By Mike Ssegawa
Sitting at the restaurant terrace of Chobe Safari lodge, facing River Nile as it flows through Murchison Falls National Game Park down to the Sudan and Egypt, it reminds me of the hard reality that life is the sum total of choices and experiences.
When Uganda Tourism Board reached out to me to join a trip organized for senior media managers to familiarize themselves with the magnificent Murchison Falls National Park, I didn’t have to think twice despite having two other events.
For there are few experiences one can compare with interacting with the wild, or water resources such as the Nile river. The trip from Kampala to Chobe Safari Lodge in Nwoya District was in uneventful, until we made a stopover at Kabalega restaurant in Nakasongola district. For anyone making a leisure or business trip to northern Uganda, this is one spot that comes handy.
Honestly they have delicious food but unfortunately, maybe because we were too many to handle our orders, the waiters somehow mixed up menus. But, Kabalega is a relaxing place where you can break from the long journey and eat or drink something without much worry. We drove comfortably to the upscale lodge in the middle of the game park facing the river. Chobe is a gem in a forest.
The environment surrounding the lodge is all natural – and the facility compliments nature. Located 13km off the main Gulu road, we arrived at Chobe around 7.30pm. Before we could check in, we had already seen wild animals having their final round of a meal on a Friday evening. Chobe is a product of Marasa Group, a company owned by Madhvani Group. We were told by the community liaison officer for Murchison Jose Muhangi, that the name chobe in Luo means a ‘place without men’.
The name was corrupted by the British, but in this area, women lost their husbands to either wars or wild animals so the many widows which gave the place its name. The world class facility was not short of guests for the two nights we were there as several tourists were trickling in private and tourist vehicles. The general manager of the facility James Rattos intimated to us that for the past one and half years, there are more Ugandans staying at Chobe than any nationality on the planet.

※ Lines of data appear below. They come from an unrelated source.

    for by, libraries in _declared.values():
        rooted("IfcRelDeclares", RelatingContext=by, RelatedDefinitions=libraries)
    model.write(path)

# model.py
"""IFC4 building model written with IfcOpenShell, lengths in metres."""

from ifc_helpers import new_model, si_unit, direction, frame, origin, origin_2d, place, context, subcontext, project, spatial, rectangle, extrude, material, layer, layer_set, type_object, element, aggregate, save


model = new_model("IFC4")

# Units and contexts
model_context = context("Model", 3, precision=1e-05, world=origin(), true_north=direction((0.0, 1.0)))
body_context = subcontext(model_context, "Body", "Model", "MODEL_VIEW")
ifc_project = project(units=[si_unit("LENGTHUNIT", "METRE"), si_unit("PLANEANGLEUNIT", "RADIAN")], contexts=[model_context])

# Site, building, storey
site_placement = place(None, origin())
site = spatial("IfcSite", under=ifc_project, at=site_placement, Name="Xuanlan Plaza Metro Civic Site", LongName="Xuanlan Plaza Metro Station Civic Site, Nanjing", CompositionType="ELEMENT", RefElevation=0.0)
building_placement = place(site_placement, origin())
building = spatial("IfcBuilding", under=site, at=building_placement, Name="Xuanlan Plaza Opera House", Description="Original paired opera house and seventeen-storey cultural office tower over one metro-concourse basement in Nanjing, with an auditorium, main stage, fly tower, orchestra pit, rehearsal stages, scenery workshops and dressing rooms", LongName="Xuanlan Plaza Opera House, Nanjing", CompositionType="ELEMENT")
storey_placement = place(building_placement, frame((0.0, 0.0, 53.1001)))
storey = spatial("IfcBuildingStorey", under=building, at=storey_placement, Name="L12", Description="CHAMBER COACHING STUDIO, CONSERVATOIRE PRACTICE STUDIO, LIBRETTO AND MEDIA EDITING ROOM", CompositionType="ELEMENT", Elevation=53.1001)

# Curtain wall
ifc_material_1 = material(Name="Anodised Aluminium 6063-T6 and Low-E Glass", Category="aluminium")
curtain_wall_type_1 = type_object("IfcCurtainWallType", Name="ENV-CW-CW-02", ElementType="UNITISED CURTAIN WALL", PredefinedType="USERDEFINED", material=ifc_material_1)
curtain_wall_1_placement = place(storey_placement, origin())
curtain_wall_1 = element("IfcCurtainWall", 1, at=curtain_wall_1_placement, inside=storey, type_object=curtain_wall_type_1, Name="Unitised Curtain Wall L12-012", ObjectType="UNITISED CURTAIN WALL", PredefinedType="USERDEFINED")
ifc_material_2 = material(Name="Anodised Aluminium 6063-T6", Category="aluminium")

This was a good sign that Ugandan middle class was starting to spend on Ugandan tourism. The reception and restaurant of Chobe are located at a premium part of the facility overlooking a steep valley, where at the bottom the Nile flows fast towards Lake Albert. A few steps below the balcony, are several swimming pools where residents are spoilt for choice if they want to swim. A fire place was set between the river and the bar at the swimming pool. Whether day or night, here, you hear hippos charging or playing in water.

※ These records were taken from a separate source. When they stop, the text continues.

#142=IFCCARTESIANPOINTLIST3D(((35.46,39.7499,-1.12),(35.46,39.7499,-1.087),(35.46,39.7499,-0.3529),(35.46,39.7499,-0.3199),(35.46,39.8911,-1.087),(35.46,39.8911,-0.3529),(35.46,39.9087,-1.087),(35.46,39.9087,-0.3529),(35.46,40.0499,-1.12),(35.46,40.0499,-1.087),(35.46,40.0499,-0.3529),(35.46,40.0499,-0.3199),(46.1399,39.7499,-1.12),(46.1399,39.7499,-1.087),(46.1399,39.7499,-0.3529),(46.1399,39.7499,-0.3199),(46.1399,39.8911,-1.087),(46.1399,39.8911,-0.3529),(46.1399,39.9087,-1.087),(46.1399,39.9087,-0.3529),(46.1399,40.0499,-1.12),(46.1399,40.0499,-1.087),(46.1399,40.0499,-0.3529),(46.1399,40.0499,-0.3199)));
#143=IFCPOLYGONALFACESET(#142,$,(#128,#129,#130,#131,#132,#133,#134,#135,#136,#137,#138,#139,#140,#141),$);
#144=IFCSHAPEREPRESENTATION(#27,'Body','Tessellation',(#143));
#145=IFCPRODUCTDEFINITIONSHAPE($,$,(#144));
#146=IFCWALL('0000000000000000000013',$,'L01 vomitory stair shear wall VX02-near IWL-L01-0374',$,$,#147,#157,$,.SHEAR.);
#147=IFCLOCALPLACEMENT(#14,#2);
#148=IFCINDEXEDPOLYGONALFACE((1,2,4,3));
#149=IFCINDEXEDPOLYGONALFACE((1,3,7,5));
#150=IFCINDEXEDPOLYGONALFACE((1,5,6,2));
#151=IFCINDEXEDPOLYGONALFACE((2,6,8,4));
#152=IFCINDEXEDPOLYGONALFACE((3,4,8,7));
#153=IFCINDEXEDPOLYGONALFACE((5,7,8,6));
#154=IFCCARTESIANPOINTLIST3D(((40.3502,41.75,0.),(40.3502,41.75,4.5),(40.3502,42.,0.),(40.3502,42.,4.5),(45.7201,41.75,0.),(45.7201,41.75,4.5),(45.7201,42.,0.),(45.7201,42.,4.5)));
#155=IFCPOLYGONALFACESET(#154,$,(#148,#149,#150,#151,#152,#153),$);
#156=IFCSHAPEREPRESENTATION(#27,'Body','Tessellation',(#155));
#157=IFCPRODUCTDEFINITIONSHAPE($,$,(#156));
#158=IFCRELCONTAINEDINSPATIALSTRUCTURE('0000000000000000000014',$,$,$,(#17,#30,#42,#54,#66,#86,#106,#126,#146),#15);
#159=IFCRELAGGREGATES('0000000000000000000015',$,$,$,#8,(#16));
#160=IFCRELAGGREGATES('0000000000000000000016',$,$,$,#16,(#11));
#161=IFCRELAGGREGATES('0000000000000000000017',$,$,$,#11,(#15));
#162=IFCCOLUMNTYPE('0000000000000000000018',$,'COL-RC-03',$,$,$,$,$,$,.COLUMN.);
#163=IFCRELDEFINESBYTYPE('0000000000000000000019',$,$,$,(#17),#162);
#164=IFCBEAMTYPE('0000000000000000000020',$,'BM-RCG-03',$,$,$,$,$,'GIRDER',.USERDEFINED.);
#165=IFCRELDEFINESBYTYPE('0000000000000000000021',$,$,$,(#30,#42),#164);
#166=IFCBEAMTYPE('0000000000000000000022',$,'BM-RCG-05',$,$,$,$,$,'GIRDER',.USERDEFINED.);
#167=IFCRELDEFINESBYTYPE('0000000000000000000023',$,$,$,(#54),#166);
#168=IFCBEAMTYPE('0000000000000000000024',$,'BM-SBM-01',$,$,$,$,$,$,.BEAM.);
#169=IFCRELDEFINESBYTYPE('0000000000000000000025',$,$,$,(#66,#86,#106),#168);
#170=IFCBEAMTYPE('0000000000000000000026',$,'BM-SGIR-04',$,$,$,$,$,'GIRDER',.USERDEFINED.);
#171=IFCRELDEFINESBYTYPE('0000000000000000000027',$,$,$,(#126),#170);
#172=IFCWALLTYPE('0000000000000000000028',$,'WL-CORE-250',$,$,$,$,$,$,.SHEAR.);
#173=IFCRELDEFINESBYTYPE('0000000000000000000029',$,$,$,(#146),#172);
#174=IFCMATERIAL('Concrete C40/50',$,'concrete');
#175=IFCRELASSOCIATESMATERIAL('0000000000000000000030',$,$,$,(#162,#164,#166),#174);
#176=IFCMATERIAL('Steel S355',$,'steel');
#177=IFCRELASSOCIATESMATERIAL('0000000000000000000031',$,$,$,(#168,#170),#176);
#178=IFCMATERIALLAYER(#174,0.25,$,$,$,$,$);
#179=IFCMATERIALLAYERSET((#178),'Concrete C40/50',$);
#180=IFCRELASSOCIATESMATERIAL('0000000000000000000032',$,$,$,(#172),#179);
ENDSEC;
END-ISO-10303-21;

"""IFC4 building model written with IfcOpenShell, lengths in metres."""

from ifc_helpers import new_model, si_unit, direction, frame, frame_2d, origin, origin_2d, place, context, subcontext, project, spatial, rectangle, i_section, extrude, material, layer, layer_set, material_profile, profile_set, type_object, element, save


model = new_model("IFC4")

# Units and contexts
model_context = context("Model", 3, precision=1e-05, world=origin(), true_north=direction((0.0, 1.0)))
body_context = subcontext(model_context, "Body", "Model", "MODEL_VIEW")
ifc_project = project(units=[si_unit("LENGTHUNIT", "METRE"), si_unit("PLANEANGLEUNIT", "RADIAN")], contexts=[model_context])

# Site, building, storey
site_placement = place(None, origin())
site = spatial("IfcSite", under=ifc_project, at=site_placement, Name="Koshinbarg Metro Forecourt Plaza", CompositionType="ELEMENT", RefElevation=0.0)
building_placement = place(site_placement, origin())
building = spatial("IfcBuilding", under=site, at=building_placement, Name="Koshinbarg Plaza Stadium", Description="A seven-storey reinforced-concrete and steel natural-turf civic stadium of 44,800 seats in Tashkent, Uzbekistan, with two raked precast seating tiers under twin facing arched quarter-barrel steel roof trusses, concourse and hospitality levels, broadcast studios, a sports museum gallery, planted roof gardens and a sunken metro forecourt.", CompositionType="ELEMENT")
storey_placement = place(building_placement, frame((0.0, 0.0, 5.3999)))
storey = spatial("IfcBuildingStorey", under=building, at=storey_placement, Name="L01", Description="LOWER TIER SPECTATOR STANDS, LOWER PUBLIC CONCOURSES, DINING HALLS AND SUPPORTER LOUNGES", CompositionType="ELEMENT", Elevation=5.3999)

The sight of hippos is also a common place, but there are security to ensure no accidents take place. On our first night, the entire group comprising senior editors and producers sat around the fire to talk about Uganda’s tourism. Listening to Stephen Asiimwe, the CEO of the Uganda Tourism Board talk he underscored the fact that tourism was everyone’s business. He made a case for the media to support the tourism sector as tourism was a single sector that has potential to impact all sectors of the economy.
Apparently, according to Asiimwe, tourism contributes about 10% to Uganda’s gross domestic product and swears it could double or triple if all pieces of the puzzle were put in place. Talking over the fire place, we could not realize time was flying into the night. The laughter from conversation, questions and comments flowed. Wines and beers rained as the fire warmed up the pale tired faces. Time flew. No one was realizing until Rattos reminded us it was dinner time but the discussion on Uganda tourism sector was raging, from the concerns of the restaurants and curio shops charging in dollars to the yet to meet the standard service in our service sector.
Dinner was served hot. And yes, at a balcony overlooking the river. For now, I am thinking this must be the best part of the lodge to enjoy a meal, while enjoying nature surrounding this gem inside the animal paradise. Did I say, by this time; we have seen not only hippos coming as close as 15 metres from us, but, along the road, we had also rubbed shoulders with giraffes, elephants, baboons, monkeys, and antelopes. And this was before we stepped out for the game drive. It is 12.25am and I just need a good sleep.
Tomorrow is going to be a long day as we are waking up at 5.30am and set off at 6pm for a game drive around the park. I am excited and anxious.